In the previous notebook, we introduced the Eight schools problem and approached it using Bayesian statistics. The fundamental question was "how do we adjust the effect estimate for school A (which was very high) in light of what we know about the other schools?" This amounted to building a model with the parameter `t`, the "true" effect size per school. Our model also included hyperparameters `mu` and `sigma`.

Picking up where we left off, we had found a probability proportion for the parameters `t`, `mu`, and `sigma`, and were left with the issue of using this probability proportion to sample from the 10-dimensional distribution. The promise then was that this would all be made possible using Markov Chain Monte Carlo (MCMC) methods. This notebook is here to fulfill that promise.

In [1]:
import numpy as np
import altair as alt
import pandas as pd
from scipy.stats import norm, uniform

from mcmc import json_dir, visualize_simulation, transition_MH_trace, simulate_trace, generate_sample, make_2d_histogram

alt.data_transformers.register('json_dir', json_dir)
alt.data_transformers.enable('json_dir', data_dir='/altairdata')

DataTransformerRegistry.enable('json_dir')

In [2]:
effect_estimates = np.array([28, 8, -3, 7, -1, 1, 18, 12])
std_estimates = np.array([15, 10, 16, 11, 9, 11, 10, 18])
school_names = ["A", "B", "C", "D", "E", "F", "G", "H"]

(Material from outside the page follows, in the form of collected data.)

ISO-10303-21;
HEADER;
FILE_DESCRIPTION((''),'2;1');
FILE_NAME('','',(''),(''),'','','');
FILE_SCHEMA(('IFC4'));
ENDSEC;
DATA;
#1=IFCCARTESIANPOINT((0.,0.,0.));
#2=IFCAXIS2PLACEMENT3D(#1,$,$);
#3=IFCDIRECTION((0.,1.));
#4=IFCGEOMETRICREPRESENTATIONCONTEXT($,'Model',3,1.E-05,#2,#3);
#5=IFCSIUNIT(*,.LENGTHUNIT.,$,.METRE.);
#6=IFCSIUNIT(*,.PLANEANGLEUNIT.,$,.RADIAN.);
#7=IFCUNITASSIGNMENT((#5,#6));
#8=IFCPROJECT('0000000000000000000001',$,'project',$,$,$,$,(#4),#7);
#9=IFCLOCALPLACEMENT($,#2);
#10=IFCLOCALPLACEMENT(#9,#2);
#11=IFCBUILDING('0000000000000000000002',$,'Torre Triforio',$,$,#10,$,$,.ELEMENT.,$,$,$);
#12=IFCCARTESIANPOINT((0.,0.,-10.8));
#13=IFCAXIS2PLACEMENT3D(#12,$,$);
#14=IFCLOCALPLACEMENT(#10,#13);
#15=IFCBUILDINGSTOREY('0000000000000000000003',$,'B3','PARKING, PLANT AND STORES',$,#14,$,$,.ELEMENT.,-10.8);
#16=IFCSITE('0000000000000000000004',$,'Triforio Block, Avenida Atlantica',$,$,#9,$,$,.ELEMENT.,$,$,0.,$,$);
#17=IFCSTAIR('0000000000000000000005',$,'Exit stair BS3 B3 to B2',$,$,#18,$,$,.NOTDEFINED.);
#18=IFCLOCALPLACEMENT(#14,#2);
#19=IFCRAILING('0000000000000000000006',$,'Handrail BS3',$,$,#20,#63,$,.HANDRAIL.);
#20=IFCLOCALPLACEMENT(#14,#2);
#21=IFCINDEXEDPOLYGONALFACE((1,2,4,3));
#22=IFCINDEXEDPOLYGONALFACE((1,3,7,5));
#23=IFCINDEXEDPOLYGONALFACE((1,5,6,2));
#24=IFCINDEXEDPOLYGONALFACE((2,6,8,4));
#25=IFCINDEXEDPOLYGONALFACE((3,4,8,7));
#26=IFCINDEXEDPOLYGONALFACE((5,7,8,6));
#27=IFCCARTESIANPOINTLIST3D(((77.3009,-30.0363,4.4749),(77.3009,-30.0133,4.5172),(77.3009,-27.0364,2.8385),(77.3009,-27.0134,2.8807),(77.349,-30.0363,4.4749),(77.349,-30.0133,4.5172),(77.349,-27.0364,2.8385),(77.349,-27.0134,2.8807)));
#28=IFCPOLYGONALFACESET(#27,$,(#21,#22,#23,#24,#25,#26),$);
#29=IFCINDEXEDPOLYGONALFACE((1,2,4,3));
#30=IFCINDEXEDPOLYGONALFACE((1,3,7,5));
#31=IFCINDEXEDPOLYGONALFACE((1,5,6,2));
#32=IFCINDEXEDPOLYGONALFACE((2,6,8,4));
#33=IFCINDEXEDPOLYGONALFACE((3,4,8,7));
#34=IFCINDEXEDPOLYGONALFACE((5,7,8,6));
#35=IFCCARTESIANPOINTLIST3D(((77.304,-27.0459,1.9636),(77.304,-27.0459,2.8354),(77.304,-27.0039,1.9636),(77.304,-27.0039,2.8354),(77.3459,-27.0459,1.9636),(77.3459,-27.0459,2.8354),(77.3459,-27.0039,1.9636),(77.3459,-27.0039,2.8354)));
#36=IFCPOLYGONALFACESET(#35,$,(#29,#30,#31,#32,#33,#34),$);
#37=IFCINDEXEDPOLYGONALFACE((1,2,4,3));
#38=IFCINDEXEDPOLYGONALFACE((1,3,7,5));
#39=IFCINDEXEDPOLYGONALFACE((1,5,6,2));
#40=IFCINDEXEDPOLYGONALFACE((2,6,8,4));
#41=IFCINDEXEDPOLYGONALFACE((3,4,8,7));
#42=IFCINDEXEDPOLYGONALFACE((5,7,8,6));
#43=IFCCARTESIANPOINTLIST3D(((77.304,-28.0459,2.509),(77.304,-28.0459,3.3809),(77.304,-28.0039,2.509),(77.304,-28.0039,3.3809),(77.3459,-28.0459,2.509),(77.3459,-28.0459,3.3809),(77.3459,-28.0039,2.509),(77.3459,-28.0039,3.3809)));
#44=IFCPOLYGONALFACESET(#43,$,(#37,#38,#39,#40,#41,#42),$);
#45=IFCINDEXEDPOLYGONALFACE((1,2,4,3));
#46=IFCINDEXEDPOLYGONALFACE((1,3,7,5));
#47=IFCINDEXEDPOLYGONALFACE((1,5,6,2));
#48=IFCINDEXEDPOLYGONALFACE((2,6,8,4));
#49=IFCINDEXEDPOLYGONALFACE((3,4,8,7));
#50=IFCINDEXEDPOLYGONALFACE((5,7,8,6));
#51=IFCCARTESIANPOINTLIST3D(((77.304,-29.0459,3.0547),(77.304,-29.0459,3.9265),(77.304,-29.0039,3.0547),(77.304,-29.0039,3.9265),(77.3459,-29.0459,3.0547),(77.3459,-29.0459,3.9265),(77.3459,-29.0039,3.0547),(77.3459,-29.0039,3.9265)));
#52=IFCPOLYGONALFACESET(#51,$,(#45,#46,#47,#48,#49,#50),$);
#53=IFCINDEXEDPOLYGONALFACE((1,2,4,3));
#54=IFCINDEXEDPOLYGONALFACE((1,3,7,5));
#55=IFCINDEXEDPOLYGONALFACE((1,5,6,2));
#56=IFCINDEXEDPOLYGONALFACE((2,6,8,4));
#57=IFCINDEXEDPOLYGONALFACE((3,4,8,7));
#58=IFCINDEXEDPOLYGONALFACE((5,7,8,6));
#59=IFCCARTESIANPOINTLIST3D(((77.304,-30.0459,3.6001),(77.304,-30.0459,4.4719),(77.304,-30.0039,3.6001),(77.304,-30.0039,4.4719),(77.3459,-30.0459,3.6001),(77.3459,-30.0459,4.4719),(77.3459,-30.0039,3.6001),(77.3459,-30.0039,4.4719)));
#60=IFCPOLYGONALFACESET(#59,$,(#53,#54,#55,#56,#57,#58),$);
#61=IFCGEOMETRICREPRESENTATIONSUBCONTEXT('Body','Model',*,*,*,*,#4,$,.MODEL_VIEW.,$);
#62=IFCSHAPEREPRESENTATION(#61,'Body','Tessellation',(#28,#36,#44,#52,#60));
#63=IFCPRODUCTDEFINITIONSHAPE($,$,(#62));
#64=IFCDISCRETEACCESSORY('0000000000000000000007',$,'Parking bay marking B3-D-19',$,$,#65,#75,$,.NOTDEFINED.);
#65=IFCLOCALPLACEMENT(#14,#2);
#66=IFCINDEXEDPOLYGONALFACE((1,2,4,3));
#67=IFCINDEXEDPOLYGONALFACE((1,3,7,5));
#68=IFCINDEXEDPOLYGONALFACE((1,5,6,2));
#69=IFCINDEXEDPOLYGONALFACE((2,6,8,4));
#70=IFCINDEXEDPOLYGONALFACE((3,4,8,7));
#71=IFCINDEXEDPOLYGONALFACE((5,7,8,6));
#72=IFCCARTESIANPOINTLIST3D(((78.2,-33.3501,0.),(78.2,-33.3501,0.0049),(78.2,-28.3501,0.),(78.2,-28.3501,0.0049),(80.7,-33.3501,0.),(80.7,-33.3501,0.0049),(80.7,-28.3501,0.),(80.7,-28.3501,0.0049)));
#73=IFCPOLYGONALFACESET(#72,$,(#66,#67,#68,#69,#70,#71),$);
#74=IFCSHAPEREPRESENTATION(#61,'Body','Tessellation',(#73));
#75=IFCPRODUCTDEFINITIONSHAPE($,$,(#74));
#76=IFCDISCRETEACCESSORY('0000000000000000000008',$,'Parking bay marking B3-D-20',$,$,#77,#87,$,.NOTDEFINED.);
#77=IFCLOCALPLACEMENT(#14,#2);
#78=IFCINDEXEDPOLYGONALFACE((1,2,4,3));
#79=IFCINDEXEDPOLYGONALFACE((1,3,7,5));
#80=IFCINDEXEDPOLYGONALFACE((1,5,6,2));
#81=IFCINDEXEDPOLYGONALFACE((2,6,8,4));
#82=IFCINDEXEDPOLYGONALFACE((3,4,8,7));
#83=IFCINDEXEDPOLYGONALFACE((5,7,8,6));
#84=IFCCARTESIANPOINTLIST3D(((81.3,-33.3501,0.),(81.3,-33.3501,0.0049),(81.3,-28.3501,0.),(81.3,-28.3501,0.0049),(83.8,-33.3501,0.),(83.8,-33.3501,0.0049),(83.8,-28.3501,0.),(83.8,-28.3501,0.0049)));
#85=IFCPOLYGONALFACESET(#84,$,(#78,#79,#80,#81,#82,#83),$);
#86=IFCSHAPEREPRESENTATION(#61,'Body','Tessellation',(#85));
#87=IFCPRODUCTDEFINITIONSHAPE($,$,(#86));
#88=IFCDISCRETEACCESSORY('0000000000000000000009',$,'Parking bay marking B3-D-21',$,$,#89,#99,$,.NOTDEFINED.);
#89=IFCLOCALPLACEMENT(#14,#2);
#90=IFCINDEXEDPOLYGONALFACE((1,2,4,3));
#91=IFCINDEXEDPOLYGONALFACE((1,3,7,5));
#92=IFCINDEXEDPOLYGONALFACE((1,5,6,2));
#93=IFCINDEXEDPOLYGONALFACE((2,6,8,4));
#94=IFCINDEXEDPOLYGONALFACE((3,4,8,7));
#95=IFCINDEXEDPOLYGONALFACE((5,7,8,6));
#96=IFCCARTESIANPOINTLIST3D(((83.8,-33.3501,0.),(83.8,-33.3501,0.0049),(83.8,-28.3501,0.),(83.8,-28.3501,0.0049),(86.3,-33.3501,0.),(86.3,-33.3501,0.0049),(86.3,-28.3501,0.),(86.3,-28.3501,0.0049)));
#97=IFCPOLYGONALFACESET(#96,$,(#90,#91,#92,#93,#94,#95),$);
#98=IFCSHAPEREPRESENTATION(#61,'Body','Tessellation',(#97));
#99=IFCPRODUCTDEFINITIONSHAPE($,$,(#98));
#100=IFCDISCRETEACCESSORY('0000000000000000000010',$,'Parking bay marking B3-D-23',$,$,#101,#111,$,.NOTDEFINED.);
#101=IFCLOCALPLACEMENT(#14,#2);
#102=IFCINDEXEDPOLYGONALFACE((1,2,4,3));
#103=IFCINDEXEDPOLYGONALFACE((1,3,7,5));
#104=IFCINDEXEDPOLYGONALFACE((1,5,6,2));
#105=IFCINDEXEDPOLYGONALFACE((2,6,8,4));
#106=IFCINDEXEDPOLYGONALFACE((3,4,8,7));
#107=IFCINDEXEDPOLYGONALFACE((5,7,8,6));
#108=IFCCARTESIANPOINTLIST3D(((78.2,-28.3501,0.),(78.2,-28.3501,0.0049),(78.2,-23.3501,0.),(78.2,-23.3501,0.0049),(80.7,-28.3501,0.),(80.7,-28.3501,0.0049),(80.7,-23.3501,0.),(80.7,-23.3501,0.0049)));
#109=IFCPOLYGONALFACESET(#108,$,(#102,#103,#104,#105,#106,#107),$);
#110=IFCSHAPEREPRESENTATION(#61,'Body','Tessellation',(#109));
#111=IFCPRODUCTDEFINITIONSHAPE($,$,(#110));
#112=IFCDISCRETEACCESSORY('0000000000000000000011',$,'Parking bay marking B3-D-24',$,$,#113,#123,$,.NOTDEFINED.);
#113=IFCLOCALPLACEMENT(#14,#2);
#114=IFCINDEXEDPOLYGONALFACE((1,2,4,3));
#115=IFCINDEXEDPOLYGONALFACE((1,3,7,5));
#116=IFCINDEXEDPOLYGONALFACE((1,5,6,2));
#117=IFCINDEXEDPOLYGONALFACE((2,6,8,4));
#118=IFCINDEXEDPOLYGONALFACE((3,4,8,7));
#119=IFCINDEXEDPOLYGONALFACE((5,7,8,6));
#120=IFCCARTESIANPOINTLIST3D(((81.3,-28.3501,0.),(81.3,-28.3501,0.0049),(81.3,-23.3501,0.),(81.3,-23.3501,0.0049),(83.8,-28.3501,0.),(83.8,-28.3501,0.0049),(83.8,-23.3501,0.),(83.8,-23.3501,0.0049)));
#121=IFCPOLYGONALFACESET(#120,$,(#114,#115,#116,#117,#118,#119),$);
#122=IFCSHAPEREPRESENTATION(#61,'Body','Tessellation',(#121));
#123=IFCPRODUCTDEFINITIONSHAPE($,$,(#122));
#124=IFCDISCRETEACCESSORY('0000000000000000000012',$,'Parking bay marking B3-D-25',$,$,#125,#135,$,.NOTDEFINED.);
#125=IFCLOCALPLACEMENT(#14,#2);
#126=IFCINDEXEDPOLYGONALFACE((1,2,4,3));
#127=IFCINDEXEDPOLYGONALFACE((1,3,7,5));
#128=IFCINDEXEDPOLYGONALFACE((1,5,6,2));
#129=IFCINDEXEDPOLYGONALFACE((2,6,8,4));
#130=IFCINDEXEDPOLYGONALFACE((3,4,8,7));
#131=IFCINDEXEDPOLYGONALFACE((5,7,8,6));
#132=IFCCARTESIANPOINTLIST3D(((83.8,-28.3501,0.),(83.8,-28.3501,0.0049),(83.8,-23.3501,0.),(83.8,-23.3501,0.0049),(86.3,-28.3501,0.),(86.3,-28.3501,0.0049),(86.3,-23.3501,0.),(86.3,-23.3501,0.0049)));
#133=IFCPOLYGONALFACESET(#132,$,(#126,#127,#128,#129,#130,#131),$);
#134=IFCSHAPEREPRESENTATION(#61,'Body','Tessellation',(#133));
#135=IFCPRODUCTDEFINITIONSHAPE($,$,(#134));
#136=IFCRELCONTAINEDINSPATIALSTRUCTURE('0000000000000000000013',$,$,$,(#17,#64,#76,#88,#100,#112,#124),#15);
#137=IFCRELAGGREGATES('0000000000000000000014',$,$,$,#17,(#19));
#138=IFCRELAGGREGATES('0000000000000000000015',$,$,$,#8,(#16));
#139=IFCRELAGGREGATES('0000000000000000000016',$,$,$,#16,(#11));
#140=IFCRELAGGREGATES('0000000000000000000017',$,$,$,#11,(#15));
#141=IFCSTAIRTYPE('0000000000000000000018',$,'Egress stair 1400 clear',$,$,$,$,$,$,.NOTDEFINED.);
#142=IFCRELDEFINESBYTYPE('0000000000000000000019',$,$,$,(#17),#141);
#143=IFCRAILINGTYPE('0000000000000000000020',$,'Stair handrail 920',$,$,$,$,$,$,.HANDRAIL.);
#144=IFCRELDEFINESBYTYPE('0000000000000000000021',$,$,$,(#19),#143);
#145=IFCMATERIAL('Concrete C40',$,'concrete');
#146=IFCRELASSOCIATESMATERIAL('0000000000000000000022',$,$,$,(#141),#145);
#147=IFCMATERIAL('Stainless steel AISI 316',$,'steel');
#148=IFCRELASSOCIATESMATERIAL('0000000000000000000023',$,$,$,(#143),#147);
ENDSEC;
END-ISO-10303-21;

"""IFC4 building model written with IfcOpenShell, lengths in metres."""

from ifc_helpers import new_model, si_unit, direction, frame, origin, origin_2d, place, context, subcontext, project, spatial, rectangle, extrude, material, type_object, element, aggregate, save


model = new_model("IFC4")

# Units and contexts
model_context = context("Model", 3, precision=1e-05, world=origin(), true_north=direction((0.0, 1.0)))
body_context = subcontext(model_context, "Body", "Model", "MODEL_VIEW")
ifc_project = project(units=[si_unit("LENGTHUNIT", "METRE"), si_unit("PLANEANGLEUNIT", "RADIAN")], contexts=[model_context])

# Site, building, storey
site_placement = place(None, origin())
site = spatial("IfcSite", under=ifc_project, at=site_placement, Name="Triforio Block, Avenida Atlantica", CompositionType="ELEMENT", RefElevation=0.0)
building_placement = place(site_placement, origin())
building = spatial("IfcBuilding", under=site, at=building_placement, Name="Torre Triforio", CompositionType="ELEMENT")
storey_placement = place(building_placement, frame((0.0, 0.0, -10.8)))
storey = spatial("IfcBuildingStorey", under=building, at=storey_placement, Name="B3", Description="PARKING, PLANT AND STORES", CompositionType="ELEMENT", Elevation=-10.8)

# Shared definitions
ifc_material_1 = material(Name="Concrete C40", Category="concrete")

# Stair, railing
stair_type = type_object("IfcStairType", Name="Egress stair 1400 clear", PredefinedType="NOTDEFINED", material=ifc_material_1)
stair_placement = place(storey_placement, origin())
stair = element("IfcStair", 1, at=stair_placement, inside=storey, type_object=stair_type, Name="Exit stair BS3 B3 to B2", PredefinedType="NOTDEFINED")
ifc_material_2 = material(Name="Stainless steel AISI 316", Category="steel")
railing_type = type_object("IfcRailingType", Name="Stair handrail 920", PredefinedType="HANDRAIL", material=ifc_material_2)
railing_1_placement = place(storey_placement, frame((77.325, -27.0249, 1.9636)))
railing_1 = element("IfcRailing", 2, at=railing_1_placement, type_object=railing_type, Name="Handrail BS3", PredefinedType="HANDRAIL", context=body_context, shape_type="SweptSolid", body=[
    extrude(rectangle(XDim=0.0481, YDim=0.0481, at=origin_2d()), frame((0.0, 0.0, 0.896), z_axis=(0.0, -0.877882, 0.478877), x_axis=(1.0, 0.0, 0.0)), (0.0, 0.0, 1.0), 3.4172),
    extrude(rectangle(XDim=0.042, YDim=0.042, at=origin_2d()), origin(), (0.0, 0.0, 1.0), 0.8718),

df = pd.DataFrame({"effect_estimate": effect_estimates,
                   "std_estimate": std_estimates,
                  "school": school_names})

def p_prop(t, mu, sigma):
    p_mu = norm.pdf(mu, loc=8.75, scale=20)
    p_sigma = uniform.pdf(sigma, loc=0, scale=100)
    p_t_mu_sigma = norm.pdf(t, loc=mu, scale=sigma)
    p_ee_t = norm.pdf(effect_estimates, loc=t, scale=std_estimates).prod()
    return p_ee_t * p_t_mu_sigma * p_mu * p_sigma

# What is a Markov Chain, anyway?
Fundamentally, a Markov chain can be described as a "random walk through space". It some starting point. At each timestep, we look where we are, and decide to move somewhere else (or stay on the same spot), dependent *only on where we are*. Put differently, the next step only depends on our current location, not where we've been before that.  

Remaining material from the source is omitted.